Tuesday, 4 August, 2020 UTC


Summary

British technology company Immerse has been working on its virtual reality (VR) training solution, the Virtual Enterprise Platform or Immerse VEP for the past six years. It has been available to select clients such as BP, Shell, DHL, GE Healthcare and Facebook for the last three, today seeing the platform’s official launch for other companies to adopt.
Immerse VEP is an open VR platform designed to help businesses create their own training solutions which can then be measured and scaled as required. Content can then be deployed to hundreds of headsets like Oculus Quest or HTC Vive as the software is hardware agnostic.
Clients can import existing VR content if they have any or use Immerse VEP’s content creation tools’ software development kit (SDK) to build their own. Once deployed companies can then gather training data – with Immerse saying ’30 data points per user per second’ are captured – to further improve performance.
“We have been working closely with our clients to create an enterprise VR platform that really answers the needs of businesses and is truly flexible, usable and scalable,” said Justin Parry, Co-founder and COO of Immerse in a statement. “VR is such a powerful learning tool, and we want to make it available to as many businesses as possible, especially at a time when technology for effective remote-learning is so critical and businesses are seeking ways of building the resilience of their workforce.”
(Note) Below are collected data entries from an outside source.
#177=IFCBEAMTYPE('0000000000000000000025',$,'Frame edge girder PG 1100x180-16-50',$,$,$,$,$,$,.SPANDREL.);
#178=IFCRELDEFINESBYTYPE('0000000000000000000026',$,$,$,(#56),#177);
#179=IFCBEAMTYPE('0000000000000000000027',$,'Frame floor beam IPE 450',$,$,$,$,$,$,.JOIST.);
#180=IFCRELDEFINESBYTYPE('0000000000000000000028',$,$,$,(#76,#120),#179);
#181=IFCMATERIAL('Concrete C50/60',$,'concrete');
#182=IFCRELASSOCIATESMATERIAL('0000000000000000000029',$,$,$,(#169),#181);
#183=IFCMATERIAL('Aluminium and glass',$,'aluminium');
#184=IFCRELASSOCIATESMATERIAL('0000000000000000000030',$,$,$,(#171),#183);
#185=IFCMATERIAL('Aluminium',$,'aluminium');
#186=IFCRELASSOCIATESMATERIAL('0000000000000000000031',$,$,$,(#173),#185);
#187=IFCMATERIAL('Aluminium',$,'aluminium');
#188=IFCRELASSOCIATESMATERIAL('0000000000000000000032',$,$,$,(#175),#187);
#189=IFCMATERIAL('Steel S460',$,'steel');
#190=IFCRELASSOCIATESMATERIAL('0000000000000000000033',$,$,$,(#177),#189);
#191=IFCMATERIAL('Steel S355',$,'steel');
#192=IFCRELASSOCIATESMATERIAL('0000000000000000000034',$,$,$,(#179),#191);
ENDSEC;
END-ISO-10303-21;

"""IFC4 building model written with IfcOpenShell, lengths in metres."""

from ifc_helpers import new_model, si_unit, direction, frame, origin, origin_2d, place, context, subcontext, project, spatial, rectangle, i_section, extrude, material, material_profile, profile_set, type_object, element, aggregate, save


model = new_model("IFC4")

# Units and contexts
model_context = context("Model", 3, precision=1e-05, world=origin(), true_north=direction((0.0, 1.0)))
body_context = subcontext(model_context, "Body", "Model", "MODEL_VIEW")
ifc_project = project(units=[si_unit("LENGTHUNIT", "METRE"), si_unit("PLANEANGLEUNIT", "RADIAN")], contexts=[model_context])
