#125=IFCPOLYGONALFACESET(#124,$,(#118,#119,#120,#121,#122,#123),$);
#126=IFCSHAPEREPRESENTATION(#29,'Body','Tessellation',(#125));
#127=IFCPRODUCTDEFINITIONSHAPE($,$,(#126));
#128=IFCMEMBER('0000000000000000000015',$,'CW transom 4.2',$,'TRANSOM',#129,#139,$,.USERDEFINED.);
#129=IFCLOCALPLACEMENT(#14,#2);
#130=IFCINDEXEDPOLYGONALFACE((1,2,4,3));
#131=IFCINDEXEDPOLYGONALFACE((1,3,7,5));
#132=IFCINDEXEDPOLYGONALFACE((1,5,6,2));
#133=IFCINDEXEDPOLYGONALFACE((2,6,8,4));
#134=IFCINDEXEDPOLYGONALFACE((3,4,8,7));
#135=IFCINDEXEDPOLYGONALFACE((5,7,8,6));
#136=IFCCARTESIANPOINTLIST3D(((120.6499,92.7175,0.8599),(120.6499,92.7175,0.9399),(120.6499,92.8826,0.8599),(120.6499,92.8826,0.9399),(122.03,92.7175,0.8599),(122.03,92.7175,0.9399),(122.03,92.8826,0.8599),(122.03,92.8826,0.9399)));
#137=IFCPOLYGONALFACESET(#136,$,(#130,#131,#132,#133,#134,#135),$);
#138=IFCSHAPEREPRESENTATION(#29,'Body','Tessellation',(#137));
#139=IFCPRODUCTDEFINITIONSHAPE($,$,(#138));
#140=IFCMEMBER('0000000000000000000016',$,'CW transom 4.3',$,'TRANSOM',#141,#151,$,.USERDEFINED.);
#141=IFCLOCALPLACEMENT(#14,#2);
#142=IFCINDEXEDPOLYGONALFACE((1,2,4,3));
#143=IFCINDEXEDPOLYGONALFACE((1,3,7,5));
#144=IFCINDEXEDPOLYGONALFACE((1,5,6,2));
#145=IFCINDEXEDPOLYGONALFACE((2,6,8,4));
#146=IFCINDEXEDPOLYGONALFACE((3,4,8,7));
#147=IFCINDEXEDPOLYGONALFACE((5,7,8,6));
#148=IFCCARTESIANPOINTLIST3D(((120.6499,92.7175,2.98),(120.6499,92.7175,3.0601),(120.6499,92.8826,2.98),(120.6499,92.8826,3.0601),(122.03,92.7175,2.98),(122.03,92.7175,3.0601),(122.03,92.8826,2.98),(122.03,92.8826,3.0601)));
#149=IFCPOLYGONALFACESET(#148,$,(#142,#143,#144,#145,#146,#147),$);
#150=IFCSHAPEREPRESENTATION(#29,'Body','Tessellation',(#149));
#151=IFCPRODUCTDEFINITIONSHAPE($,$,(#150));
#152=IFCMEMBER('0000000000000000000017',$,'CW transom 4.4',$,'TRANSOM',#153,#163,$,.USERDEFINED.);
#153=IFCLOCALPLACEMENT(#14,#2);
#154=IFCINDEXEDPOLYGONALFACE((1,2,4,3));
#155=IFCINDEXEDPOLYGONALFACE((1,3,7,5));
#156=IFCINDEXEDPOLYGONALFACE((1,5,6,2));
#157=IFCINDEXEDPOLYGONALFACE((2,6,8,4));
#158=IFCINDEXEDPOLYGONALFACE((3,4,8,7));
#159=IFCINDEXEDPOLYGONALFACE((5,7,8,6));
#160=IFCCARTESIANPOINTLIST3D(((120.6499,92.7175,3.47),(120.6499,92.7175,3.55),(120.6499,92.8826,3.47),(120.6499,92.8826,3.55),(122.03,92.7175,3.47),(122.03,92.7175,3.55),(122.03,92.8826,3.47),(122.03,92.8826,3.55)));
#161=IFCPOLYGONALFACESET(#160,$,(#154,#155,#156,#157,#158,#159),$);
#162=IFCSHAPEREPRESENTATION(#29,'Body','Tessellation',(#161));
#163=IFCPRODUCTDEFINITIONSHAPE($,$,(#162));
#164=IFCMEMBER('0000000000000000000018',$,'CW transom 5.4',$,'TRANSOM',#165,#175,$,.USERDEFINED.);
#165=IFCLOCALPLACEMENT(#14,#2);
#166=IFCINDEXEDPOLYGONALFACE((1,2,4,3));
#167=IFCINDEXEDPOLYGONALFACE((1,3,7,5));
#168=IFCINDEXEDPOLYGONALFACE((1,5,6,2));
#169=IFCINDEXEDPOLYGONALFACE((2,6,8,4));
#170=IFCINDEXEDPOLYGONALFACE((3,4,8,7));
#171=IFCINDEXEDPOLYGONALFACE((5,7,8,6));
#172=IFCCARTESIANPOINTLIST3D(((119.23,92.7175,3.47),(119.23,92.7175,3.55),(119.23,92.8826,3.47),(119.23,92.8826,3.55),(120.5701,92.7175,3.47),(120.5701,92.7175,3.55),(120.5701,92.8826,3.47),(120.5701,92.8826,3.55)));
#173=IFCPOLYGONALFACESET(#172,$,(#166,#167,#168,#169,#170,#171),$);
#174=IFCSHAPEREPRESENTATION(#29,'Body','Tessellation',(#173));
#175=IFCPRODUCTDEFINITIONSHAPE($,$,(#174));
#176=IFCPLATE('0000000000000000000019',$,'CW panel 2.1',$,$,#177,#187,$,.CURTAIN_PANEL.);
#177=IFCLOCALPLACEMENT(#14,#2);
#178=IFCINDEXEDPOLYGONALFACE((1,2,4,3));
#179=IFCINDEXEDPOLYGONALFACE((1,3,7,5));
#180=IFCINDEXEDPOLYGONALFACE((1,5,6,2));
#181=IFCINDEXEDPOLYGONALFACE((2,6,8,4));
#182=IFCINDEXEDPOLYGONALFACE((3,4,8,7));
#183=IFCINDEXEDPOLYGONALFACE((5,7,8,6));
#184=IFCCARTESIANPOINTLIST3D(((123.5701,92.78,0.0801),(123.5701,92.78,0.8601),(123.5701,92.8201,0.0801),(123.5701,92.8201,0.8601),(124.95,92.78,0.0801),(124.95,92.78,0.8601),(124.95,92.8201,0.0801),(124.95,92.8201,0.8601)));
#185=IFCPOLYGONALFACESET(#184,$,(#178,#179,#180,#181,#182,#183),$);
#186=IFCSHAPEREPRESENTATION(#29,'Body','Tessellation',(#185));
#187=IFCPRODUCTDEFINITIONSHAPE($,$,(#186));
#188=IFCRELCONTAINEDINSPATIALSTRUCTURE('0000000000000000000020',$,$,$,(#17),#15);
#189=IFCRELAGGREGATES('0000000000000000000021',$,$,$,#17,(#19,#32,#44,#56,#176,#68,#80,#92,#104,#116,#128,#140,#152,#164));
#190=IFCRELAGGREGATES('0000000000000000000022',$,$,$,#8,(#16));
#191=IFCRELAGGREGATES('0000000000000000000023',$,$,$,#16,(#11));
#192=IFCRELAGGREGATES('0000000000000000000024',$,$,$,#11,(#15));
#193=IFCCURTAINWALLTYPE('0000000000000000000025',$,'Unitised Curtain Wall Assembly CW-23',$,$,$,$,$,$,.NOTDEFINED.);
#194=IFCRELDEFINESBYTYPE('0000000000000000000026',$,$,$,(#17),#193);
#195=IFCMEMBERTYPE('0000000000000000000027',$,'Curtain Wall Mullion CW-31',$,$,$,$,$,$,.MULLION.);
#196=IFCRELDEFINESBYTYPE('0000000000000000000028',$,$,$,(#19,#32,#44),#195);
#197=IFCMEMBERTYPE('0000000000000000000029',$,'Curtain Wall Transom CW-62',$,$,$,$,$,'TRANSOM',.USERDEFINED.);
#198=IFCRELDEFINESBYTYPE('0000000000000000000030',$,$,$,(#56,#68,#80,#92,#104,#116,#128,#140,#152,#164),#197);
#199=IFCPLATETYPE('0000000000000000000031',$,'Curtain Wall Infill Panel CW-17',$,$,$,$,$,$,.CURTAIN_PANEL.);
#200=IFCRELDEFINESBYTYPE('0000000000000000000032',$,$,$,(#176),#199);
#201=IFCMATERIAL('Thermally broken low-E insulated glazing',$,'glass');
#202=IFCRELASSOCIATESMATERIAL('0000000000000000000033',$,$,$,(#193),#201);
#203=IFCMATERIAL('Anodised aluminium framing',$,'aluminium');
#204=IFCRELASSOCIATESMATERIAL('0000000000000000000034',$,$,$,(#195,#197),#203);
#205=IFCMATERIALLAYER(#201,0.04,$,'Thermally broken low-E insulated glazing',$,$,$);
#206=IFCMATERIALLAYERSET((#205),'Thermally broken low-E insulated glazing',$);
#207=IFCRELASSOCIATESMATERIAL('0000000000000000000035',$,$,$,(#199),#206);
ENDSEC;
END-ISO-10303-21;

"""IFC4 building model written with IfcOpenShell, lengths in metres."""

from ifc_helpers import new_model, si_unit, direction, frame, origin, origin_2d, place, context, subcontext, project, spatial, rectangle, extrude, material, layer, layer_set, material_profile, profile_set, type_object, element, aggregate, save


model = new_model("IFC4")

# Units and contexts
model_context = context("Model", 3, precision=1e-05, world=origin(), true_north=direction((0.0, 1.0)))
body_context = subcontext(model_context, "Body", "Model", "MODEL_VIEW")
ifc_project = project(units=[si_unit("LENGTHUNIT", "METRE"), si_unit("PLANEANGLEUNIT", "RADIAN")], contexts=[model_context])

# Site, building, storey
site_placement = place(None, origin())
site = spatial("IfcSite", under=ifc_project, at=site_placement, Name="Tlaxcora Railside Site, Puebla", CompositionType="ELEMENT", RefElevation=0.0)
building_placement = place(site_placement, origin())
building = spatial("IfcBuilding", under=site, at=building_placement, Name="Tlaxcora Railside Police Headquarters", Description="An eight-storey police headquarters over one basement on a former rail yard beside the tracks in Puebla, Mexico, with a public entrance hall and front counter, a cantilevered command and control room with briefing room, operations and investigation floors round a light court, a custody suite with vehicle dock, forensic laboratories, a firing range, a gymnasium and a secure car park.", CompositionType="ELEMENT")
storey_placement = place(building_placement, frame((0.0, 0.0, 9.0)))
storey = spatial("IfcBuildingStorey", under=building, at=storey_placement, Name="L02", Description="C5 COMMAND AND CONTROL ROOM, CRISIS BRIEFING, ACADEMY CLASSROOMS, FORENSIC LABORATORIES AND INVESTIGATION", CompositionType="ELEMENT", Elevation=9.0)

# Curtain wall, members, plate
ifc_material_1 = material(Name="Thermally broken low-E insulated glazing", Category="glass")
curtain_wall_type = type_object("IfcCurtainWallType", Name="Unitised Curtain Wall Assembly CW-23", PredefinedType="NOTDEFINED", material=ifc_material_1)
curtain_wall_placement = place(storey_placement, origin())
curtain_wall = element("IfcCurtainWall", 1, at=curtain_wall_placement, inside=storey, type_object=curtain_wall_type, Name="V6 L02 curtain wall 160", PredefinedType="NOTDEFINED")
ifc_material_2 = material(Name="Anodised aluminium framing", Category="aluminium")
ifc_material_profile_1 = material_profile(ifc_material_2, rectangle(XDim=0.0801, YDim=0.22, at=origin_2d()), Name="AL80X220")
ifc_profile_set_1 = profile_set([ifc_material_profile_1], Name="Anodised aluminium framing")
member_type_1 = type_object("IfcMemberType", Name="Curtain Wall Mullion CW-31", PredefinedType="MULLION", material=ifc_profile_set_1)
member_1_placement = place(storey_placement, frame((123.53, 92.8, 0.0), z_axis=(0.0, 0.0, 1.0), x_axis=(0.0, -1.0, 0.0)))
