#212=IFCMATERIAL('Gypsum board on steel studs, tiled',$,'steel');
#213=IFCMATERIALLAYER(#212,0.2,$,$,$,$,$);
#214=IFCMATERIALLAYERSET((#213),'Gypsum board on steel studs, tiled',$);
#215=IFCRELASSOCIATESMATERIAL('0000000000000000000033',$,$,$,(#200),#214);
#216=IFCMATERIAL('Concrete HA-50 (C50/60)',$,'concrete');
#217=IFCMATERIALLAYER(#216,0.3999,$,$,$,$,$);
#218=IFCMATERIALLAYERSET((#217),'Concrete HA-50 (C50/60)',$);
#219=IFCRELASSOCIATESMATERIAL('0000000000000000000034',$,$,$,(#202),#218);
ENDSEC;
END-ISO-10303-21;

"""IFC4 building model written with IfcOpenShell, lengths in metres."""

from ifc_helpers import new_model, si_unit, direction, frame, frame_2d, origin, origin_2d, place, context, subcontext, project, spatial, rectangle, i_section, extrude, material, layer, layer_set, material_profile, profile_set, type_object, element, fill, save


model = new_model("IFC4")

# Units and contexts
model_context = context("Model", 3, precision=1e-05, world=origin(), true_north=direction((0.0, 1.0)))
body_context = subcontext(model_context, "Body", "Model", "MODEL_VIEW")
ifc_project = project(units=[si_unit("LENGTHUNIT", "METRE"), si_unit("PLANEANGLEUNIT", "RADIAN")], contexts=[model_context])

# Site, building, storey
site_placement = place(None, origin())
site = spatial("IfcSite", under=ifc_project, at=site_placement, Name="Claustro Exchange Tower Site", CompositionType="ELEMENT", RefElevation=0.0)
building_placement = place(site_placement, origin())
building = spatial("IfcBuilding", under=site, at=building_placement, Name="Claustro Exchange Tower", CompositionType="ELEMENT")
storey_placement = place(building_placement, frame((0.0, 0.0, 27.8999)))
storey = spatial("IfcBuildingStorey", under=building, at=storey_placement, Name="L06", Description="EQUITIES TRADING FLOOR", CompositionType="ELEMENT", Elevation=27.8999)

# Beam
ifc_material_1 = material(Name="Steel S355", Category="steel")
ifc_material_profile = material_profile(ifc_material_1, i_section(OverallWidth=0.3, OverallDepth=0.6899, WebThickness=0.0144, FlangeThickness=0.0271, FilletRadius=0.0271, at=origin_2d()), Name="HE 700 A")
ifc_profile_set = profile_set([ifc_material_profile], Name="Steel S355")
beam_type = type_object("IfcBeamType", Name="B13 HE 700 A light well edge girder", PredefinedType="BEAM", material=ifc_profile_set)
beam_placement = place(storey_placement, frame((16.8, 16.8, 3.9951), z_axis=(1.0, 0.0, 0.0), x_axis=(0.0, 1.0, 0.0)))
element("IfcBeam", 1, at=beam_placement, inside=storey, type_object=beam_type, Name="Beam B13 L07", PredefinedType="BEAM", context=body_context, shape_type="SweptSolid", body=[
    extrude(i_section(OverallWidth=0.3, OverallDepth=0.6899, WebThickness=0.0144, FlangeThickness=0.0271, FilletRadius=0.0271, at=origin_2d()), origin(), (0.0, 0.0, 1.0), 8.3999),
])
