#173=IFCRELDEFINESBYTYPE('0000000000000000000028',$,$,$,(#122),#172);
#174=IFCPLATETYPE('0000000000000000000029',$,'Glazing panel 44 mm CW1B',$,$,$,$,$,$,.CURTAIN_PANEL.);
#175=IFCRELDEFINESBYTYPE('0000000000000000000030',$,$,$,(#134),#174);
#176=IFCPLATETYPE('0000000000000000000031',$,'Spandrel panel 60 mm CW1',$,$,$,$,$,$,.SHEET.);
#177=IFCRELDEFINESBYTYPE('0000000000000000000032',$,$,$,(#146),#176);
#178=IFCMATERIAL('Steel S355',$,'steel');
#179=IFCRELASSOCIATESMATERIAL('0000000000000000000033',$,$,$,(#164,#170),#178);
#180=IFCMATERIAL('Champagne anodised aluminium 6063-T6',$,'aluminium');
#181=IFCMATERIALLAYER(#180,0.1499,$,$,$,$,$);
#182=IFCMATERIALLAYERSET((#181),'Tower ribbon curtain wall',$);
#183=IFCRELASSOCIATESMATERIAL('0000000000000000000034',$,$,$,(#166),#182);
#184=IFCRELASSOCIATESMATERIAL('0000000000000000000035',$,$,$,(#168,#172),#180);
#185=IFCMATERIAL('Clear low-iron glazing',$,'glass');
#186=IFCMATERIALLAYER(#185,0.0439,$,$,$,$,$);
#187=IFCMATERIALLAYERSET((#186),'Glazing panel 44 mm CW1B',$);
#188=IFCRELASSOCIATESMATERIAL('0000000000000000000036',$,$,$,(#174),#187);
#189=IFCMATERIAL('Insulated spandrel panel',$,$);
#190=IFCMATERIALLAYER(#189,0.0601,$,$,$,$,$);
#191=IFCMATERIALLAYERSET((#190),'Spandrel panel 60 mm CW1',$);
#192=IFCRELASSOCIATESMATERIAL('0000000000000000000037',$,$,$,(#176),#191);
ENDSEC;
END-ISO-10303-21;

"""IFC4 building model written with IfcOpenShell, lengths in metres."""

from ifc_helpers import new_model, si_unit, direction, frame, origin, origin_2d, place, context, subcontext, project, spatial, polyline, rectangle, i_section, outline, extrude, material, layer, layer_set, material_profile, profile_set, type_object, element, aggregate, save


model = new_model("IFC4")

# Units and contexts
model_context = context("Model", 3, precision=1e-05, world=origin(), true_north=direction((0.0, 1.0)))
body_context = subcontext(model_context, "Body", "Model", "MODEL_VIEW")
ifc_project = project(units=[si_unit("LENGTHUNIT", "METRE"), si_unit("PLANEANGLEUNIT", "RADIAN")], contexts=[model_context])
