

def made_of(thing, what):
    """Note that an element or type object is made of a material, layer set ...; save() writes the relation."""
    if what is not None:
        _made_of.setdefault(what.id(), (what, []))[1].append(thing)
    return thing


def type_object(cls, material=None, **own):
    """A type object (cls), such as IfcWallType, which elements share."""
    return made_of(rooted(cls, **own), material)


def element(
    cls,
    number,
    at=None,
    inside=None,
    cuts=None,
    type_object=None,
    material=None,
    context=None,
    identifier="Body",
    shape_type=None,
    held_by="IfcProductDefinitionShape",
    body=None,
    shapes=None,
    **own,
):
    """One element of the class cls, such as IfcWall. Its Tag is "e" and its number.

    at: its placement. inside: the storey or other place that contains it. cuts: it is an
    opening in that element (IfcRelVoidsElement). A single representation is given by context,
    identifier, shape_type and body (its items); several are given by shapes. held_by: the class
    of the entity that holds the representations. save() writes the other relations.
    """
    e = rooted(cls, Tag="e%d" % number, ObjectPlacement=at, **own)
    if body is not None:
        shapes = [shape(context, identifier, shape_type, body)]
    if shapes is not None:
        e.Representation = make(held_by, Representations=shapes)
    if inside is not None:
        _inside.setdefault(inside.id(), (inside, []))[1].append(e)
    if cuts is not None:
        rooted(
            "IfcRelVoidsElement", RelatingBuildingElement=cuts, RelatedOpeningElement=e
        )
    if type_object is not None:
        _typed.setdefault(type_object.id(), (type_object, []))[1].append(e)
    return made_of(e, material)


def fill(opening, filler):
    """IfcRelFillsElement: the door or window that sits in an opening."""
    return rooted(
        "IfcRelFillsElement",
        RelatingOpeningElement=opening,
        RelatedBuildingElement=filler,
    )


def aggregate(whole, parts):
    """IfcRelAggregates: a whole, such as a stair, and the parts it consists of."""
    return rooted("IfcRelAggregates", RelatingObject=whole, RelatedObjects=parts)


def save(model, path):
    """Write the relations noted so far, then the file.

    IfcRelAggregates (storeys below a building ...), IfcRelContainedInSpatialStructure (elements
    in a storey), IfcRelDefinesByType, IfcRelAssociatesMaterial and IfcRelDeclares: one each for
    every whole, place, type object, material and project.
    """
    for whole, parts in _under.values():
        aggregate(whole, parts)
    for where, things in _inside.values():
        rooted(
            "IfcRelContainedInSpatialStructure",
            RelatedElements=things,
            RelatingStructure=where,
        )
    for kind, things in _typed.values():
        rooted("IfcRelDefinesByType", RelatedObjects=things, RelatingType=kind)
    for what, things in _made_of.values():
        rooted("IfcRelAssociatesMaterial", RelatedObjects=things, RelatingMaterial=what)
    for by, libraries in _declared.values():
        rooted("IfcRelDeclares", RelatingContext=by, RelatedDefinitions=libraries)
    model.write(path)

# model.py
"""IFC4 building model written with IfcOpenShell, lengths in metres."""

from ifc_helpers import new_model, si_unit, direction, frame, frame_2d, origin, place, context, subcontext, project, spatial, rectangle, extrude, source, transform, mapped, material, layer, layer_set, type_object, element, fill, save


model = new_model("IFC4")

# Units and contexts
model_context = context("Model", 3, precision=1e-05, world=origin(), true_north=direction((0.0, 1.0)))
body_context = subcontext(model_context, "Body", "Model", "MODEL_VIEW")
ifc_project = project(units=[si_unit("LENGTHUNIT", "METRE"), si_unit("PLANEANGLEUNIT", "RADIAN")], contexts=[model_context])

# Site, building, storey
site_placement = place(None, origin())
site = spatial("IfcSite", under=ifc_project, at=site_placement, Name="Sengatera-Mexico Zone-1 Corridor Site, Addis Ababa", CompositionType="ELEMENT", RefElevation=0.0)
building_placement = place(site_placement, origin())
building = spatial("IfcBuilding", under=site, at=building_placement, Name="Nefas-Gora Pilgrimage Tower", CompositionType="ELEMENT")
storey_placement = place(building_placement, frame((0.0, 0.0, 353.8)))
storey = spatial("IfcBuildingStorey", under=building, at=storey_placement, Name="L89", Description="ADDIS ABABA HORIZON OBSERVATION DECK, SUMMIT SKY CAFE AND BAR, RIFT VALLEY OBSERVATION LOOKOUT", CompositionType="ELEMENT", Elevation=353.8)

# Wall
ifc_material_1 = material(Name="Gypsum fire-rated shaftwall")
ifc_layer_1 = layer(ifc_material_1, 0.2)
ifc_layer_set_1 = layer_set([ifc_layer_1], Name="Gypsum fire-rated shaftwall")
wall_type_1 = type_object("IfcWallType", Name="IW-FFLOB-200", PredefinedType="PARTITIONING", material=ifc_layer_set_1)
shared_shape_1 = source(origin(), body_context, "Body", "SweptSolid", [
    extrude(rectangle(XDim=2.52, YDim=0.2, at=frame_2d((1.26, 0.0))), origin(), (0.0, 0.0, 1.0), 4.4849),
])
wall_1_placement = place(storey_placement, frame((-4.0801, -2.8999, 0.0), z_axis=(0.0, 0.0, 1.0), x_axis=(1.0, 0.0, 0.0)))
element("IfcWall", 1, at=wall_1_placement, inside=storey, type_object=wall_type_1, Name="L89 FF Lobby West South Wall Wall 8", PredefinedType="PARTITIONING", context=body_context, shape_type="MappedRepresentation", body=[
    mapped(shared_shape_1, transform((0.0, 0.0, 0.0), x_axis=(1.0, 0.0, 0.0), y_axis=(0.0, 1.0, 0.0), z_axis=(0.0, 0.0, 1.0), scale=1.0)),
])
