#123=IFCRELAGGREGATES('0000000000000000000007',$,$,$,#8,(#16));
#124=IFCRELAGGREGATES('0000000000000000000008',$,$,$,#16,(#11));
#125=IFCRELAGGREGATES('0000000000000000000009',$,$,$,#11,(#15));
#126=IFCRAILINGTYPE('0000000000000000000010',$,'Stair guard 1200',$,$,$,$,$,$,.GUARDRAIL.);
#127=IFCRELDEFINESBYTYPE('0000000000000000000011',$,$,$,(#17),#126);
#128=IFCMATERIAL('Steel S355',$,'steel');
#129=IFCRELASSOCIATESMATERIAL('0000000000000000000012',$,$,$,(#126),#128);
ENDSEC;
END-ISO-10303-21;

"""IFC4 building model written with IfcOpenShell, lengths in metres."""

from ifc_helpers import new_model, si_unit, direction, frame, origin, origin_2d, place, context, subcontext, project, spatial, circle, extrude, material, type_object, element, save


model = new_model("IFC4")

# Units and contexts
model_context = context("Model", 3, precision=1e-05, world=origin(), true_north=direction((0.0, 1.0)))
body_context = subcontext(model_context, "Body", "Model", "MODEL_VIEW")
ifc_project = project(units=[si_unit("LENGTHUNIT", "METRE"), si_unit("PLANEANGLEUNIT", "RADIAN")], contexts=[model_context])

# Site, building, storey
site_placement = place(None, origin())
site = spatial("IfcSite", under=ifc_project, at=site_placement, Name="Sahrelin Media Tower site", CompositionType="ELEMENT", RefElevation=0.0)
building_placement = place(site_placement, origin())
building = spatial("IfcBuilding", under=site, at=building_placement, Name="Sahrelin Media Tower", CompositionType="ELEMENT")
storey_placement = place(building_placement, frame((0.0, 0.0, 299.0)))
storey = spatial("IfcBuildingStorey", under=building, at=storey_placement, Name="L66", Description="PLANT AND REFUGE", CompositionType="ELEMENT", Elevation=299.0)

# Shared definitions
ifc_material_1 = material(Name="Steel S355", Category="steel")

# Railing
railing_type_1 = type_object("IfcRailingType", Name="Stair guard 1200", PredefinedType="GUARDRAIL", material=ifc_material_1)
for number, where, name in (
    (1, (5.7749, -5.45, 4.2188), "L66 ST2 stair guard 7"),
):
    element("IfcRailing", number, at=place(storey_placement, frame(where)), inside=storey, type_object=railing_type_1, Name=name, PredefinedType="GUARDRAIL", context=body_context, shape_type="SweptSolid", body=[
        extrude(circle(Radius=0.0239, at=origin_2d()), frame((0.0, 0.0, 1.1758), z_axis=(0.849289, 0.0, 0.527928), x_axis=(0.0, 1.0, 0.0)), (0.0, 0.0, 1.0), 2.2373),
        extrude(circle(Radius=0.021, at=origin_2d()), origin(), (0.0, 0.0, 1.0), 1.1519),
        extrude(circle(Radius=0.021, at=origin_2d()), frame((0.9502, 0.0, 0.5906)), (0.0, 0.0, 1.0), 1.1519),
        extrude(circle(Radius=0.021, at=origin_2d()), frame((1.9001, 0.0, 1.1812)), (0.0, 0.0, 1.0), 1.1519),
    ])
“Any VR content can be used on our platform, meaning it can be securely deployed to all employees via standalone VR headsets, with data gathered centrally,” Parry continues. “This user flow is groundbreaking: it simply doesn’t exist anywhere else. Many business leaders and training professionals already recognise the transformative power of VR, but a solution for enterprise needs to be practical, results-driven, and long-term. This platform has the potential to push VR into the heart of enterprise, making it accessible on a whole new scale.”
Immerse offers a free trial of the VEP SDK to get potential clients acquainted with the system. Training is a major accelerator in the commercial adoption of VR technology, with others in the field including ElevateXR and Bodyswaps. As more training solutions appear, VRFocus will keep you updated.